Letters of Maria Celeste:
22 October 1633
Most Beloved Lord Father
Last Wednesday a brother of the Priory of San Firenze came to bring me a letter from you along with the little package of russet linen yarn, which, considering the rather thick quality of the thread, seems somewhat expensive; but indeed the color of the dye, being very beautiful, makes the price of six crazie per skein appear more tolerable.
Suor Luisa stays in bed with only the slightest improvement, and in addition to her, several of the others are also sick, so that if we now faced any suspicion of plague we would be lost. Among the sick is Suor Caterina Angela Anselmi who was formerly our Mother Abbess, a truly venerable and prudent nun, and, after Suor Luisa, the dearest and most intimate friend I have ever had: she is so gravely ill that yesterday morning she received the Extreme Unction, and it appears that she has only a few days to live; and the same must be said for Suor Maria Silvia Boscoli, a young woman of 22 years, and you may recall, Sire, how people once spoke of her as the most beautiful girl to grace the city of Florence for 300 years: this marks the sixth month she has been lying in bed with a continuous fever that the doctors now say has turned to consumption, and she is so wasted as to be unrecognizable; yet with all that she retains a vivacity and energy especially in her speech that astounds us, while from hour to hour we doubt whether that faint spirit (which seems entirely confined to her tongue) will fade away and abandon the already exhausted body: then, too, she is so listless that we can find no nourishment to suit her taste, or to say it better, that her stomach can accept, except a little soup made from broth in which we have boiled some dried wild asparagus, and these are extremely difficult to find at this time of year, wherefore I was thinking that perhaps she could take some soup made from gray partridge, which has no gamy taste. And since these birds abound where you are, Sire, as you say in your letters, you might be able to send me one of them for her and for Suor Luisa, and I doubt you would encounter any difficulty having them reach me in good condition, since our Suor Maria Maddalena Squadrini recently received several fresh, good thrushes that were sent by a brother of hers who is Prior at the Monastery of the Angels, in part of the diocese very close to Siena. If, without too much trouble, Sire, you could help me make such a gift, now that the idea has whetted my appetite, I would be ever so grateful.

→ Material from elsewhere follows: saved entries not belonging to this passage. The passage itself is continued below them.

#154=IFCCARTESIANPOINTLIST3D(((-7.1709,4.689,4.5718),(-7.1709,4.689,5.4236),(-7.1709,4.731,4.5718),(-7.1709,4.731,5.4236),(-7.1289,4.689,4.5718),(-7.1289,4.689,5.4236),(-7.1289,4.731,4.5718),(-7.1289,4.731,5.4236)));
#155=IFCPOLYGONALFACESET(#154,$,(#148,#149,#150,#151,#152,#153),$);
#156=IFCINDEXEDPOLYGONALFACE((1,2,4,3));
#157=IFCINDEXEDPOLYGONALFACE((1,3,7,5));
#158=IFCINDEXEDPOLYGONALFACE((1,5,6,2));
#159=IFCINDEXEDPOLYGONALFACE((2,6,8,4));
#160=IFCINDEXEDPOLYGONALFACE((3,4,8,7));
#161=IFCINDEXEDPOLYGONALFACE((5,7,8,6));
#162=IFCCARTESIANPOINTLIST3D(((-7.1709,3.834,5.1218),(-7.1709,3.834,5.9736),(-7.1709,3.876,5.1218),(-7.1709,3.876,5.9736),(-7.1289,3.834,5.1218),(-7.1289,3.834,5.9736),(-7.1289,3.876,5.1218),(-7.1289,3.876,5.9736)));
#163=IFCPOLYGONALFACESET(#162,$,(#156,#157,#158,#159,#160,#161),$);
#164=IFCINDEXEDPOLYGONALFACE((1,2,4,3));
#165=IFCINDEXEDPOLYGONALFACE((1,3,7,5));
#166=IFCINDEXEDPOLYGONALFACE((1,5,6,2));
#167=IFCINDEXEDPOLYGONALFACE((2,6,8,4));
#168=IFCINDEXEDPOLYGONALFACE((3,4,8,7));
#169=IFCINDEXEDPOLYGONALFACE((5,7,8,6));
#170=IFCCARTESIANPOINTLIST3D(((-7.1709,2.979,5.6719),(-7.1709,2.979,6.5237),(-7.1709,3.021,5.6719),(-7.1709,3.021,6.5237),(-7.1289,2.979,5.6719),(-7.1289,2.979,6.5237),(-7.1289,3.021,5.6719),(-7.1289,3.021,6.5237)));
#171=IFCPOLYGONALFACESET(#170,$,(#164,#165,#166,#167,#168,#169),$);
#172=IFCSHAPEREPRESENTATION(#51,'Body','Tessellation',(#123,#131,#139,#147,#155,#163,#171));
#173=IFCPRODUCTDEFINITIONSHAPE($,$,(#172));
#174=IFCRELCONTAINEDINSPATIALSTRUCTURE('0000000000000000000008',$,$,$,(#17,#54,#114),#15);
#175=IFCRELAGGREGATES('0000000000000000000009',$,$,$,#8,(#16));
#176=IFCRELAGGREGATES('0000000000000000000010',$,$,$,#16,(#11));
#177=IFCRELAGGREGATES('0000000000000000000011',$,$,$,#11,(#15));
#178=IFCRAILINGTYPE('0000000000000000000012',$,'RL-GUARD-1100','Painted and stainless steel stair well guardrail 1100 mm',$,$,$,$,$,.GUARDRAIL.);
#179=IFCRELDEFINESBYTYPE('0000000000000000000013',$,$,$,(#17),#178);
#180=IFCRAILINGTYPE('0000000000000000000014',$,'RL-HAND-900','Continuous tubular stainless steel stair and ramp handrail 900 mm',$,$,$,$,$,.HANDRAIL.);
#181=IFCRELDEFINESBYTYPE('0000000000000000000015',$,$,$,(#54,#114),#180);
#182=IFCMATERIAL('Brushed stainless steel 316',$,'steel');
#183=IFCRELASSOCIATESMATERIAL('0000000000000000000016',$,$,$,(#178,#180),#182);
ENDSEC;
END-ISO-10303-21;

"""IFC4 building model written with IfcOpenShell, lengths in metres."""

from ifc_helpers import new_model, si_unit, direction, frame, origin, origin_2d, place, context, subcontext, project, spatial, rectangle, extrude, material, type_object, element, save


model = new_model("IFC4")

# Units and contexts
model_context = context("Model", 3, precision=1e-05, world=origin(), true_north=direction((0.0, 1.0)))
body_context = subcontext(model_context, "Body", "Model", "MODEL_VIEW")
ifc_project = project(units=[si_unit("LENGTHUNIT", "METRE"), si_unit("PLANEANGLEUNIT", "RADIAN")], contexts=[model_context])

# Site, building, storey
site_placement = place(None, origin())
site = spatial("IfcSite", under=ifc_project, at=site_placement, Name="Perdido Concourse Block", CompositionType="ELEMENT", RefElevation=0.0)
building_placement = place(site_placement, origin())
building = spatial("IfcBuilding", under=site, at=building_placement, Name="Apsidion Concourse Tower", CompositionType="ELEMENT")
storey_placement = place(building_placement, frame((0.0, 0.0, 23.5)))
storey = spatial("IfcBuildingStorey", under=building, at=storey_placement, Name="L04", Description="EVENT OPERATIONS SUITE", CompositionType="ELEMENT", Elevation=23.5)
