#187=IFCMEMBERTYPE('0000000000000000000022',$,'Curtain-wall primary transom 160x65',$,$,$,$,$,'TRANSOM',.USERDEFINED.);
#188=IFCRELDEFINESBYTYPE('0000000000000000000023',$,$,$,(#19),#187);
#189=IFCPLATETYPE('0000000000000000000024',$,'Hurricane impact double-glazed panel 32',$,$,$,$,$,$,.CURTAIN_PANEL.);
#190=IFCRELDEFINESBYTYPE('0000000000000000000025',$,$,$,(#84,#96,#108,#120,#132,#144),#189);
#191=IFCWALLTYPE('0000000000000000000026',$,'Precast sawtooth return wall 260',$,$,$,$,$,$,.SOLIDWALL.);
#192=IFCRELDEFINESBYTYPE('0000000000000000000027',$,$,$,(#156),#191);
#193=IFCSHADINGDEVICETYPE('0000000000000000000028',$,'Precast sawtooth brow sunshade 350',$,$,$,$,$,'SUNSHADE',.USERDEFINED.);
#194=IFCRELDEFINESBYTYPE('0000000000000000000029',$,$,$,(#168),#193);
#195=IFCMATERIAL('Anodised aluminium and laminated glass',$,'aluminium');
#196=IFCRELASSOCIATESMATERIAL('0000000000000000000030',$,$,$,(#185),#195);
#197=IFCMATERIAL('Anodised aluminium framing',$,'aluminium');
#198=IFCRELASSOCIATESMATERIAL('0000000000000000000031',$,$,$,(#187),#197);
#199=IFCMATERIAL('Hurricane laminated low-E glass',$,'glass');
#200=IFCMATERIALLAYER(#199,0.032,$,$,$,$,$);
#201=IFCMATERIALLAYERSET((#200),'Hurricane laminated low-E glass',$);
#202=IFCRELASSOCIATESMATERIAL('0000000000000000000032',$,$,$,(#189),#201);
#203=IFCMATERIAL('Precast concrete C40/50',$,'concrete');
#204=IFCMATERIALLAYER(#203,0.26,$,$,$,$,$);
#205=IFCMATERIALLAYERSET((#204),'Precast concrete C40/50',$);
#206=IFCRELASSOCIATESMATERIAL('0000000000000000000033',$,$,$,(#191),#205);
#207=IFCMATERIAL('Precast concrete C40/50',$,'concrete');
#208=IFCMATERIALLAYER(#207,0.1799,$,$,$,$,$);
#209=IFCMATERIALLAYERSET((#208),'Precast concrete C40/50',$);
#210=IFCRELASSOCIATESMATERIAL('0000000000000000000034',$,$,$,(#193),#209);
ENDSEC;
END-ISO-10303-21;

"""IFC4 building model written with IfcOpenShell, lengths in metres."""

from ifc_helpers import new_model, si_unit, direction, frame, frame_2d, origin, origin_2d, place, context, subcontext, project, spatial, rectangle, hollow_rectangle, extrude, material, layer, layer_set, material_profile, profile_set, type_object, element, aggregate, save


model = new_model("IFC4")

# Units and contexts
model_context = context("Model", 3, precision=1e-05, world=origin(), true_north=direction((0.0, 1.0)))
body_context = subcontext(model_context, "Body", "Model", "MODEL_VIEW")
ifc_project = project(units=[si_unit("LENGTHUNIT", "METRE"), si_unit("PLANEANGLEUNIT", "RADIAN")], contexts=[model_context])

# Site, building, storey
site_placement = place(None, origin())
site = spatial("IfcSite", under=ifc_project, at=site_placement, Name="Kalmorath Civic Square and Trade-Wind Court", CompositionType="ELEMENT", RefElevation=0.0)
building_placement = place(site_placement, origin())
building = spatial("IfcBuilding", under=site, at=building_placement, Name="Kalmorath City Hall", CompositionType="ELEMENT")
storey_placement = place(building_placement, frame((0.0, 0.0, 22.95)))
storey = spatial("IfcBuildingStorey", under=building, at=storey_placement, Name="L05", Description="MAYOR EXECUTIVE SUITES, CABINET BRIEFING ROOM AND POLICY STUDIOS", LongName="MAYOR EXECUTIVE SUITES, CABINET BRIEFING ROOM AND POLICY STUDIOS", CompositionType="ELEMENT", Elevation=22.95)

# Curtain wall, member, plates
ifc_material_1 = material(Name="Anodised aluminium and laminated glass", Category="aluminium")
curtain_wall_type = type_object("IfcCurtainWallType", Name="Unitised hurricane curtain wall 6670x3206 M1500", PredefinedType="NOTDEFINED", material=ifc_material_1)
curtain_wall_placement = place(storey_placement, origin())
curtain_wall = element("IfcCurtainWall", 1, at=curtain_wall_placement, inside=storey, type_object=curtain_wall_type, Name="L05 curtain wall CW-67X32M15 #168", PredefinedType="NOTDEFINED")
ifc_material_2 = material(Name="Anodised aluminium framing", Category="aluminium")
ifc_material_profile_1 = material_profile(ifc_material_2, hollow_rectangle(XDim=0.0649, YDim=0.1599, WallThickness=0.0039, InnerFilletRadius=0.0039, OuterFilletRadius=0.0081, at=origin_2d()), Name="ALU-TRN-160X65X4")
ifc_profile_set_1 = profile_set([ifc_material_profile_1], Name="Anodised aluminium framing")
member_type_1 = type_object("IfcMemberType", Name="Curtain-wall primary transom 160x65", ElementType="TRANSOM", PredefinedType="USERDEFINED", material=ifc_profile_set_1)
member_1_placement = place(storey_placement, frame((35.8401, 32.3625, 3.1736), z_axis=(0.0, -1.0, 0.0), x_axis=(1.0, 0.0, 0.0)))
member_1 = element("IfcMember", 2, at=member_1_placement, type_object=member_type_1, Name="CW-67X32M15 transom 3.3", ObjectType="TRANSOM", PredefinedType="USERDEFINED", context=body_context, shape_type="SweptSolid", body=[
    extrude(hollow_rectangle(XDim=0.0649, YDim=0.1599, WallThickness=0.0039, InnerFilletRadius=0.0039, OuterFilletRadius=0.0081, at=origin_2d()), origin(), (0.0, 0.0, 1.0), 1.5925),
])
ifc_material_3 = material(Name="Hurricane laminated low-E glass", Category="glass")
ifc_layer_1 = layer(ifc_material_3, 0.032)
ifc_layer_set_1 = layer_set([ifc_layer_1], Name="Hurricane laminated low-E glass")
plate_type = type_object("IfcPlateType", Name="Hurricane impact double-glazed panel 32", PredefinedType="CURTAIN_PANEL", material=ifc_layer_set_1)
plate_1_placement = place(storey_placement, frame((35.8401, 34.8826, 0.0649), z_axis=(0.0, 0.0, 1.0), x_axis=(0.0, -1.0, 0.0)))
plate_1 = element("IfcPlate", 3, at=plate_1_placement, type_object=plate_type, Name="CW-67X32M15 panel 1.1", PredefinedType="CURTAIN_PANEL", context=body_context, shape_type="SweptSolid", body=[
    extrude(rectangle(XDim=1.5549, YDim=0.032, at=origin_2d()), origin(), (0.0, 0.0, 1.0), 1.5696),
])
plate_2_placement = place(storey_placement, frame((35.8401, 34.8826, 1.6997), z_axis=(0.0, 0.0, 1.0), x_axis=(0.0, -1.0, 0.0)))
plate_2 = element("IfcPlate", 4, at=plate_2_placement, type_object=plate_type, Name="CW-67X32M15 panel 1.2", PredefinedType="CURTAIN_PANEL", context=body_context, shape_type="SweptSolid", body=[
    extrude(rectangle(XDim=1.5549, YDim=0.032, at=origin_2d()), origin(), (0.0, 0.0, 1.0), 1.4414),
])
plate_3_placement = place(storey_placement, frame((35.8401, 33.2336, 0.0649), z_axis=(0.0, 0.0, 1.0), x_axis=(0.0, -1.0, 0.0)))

This time it devolves upon me to play the raven who bears bad tidings, as I must tell you that on the feast day of San Francesco [October 4], Goro, who worked for the Sertini's, died, and left a family in great distress, according to his wife who was here yesterday morning to beseech me that I must convey this news to you, Sire, and furthermore remind you of the promise you made to Goro himself and to Antonia his daughter, to give her a black housedress when she got married: now they are in dire straits, and Sunday, which will be tomorrow, she will say her vows in Church; and because Goro's wife has spent what little money she had, first on medicaments and then for his funeral, she is hard pressed, and wants to know if you can do her this kindness: I promised that I would tell her your answer as soon as I heard from you, Sire.

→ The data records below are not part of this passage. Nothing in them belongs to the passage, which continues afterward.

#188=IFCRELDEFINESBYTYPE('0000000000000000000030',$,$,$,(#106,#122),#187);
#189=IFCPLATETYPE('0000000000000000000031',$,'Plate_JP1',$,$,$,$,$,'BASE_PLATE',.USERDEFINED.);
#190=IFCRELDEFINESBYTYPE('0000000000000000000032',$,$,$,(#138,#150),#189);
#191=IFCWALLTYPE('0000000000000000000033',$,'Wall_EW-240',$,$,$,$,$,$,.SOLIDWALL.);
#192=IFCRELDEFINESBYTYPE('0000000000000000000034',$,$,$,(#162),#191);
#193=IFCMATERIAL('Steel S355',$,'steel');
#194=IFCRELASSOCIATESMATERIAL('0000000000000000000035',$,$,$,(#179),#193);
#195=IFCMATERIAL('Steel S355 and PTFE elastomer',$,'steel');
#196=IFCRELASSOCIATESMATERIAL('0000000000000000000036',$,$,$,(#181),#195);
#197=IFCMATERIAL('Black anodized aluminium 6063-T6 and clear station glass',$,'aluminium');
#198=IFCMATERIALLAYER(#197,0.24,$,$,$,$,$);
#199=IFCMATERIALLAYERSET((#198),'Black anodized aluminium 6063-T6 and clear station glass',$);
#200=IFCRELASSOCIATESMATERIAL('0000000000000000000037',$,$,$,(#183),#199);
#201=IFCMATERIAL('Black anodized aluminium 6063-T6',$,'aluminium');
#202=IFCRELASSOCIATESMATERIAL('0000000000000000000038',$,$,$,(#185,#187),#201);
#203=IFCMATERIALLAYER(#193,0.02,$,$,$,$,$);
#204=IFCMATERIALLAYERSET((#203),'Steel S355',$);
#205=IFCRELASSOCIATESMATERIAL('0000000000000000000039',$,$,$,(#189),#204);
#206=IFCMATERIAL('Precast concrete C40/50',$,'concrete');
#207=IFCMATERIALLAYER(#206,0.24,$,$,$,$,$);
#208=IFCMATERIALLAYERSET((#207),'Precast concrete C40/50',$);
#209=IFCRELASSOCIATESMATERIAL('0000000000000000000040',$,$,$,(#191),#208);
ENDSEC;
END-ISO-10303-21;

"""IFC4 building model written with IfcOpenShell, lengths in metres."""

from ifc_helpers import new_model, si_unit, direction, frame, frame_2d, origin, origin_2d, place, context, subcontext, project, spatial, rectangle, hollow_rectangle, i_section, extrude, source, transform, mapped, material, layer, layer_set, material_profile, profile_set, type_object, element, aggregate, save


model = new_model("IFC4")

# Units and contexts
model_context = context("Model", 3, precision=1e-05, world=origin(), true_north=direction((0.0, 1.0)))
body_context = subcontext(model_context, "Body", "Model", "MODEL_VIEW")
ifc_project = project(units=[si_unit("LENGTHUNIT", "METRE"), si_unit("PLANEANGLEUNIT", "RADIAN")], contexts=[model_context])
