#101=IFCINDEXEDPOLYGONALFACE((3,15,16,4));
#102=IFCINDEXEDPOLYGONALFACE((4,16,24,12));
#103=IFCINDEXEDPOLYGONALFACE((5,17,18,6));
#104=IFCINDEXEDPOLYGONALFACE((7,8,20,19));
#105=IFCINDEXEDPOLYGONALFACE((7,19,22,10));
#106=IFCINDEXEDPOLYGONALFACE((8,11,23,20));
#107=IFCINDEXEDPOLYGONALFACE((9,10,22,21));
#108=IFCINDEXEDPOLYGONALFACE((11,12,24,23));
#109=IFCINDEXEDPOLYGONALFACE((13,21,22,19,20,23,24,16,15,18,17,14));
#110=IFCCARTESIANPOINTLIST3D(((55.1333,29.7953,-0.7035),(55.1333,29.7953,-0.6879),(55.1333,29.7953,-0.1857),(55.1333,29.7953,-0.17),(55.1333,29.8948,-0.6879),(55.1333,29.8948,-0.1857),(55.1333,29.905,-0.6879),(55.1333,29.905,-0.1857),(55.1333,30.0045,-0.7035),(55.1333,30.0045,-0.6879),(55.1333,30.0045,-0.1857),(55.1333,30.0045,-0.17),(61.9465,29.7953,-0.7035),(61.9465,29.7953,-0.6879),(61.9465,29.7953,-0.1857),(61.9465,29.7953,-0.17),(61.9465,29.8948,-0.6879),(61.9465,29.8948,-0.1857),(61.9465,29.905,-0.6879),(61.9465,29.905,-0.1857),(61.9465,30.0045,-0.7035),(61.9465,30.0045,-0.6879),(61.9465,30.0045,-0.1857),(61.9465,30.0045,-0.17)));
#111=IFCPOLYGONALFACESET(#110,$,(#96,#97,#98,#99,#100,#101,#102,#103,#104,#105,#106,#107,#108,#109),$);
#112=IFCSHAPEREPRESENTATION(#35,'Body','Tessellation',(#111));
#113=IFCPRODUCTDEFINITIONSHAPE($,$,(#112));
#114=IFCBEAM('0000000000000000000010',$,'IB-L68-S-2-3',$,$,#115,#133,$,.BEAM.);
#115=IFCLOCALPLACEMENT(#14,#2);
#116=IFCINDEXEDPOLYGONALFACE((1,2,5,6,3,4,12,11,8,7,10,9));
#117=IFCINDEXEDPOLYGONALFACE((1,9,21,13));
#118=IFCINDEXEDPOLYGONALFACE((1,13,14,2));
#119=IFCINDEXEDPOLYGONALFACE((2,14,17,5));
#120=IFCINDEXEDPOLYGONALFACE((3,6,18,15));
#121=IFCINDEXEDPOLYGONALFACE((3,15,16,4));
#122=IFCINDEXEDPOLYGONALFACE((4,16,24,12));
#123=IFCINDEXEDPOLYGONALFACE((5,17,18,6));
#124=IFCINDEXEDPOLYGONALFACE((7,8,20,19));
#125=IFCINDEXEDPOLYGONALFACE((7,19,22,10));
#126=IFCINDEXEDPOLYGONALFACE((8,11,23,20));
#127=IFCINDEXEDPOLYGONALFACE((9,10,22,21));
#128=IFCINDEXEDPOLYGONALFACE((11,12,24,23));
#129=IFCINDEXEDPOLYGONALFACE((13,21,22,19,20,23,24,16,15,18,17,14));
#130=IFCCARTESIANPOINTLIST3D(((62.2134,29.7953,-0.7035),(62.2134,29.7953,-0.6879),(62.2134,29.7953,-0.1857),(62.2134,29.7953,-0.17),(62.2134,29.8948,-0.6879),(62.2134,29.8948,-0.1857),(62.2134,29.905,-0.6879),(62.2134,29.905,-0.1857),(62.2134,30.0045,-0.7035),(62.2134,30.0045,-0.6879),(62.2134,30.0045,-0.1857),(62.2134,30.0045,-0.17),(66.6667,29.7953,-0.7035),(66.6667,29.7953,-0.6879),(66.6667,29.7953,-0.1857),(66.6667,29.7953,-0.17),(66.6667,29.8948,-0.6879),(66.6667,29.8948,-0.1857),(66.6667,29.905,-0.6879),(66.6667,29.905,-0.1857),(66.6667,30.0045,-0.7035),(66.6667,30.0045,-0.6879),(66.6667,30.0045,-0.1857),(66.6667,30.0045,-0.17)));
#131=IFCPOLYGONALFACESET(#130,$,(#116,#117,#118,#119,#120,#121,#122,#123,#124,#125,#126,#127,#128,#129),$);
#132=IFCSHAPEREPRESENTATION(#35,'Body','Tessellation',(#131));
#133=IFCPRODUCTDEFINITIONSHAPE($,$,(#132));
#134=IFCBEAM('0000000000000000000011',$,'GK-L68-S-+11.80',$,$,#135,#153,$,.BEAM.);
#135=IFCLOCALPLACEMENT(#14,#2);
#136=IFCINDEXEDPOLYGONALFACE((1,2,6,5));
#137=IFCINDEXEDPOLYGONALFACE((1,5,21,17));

I would not know how to make you realize the happiness I derive from learning that you continue conserving your health in spite of everything, except to say that I enjoy your good fortune more than my own, not only because I love you more than myself, but also because I can imagine that if I were oppressed by infirmity, or otherwise removed from the world it would matter little or nothing to anyone, since I am good for little or nothing, whereas in your case, Sire, the opposite holds true for a host of reasons, but especially (beyond the fact that you do so much good and are able to help so many others) because the great intellect and knowledge that the Lord God has given you enables you to serve Him and honor Him far more than I ever could, so that with this consideration I come round to cheer myself and take greater pleasure from your well-being than from mine.
Signor Rondinelli has allowed himself to be seen again now that his kegs have quieted down; he sends his greetings to you, Sire, and so does Doctor Ronconi.
I assure you that I am never vexed by boredom, Sire, but sooner by the hunger caused, I believe, if not by all the exercise I perform, then by the coldness of my stomach, which does not get the full complement of sleep it requires, since I have no time. I rely on the oximele and the papal pills to make up this deficit. I only tell you this to excuse myself for the haphazard appearance of my letter, as I was compelled to put down and then take up my pen again more than once before I could complete it, and on that note I commend you to God.
From San Matteo in Arcetri, the 22nd day of October 1633.
Your most affectionate daughter,
The enclosed conforms to the wish you expressed in your previous letter, Sire, that after having written to you I should write also to her ladyship the Ambassadress. I suspect that my numerous activities have sapped my energy leaving me little to give her; you will be able to look it over and make corrections, and do let me know if you send her the ivory crucifix. I still cling to the hope that this week you will have some resolution regarding your release, and I am burning with desire to share in that news.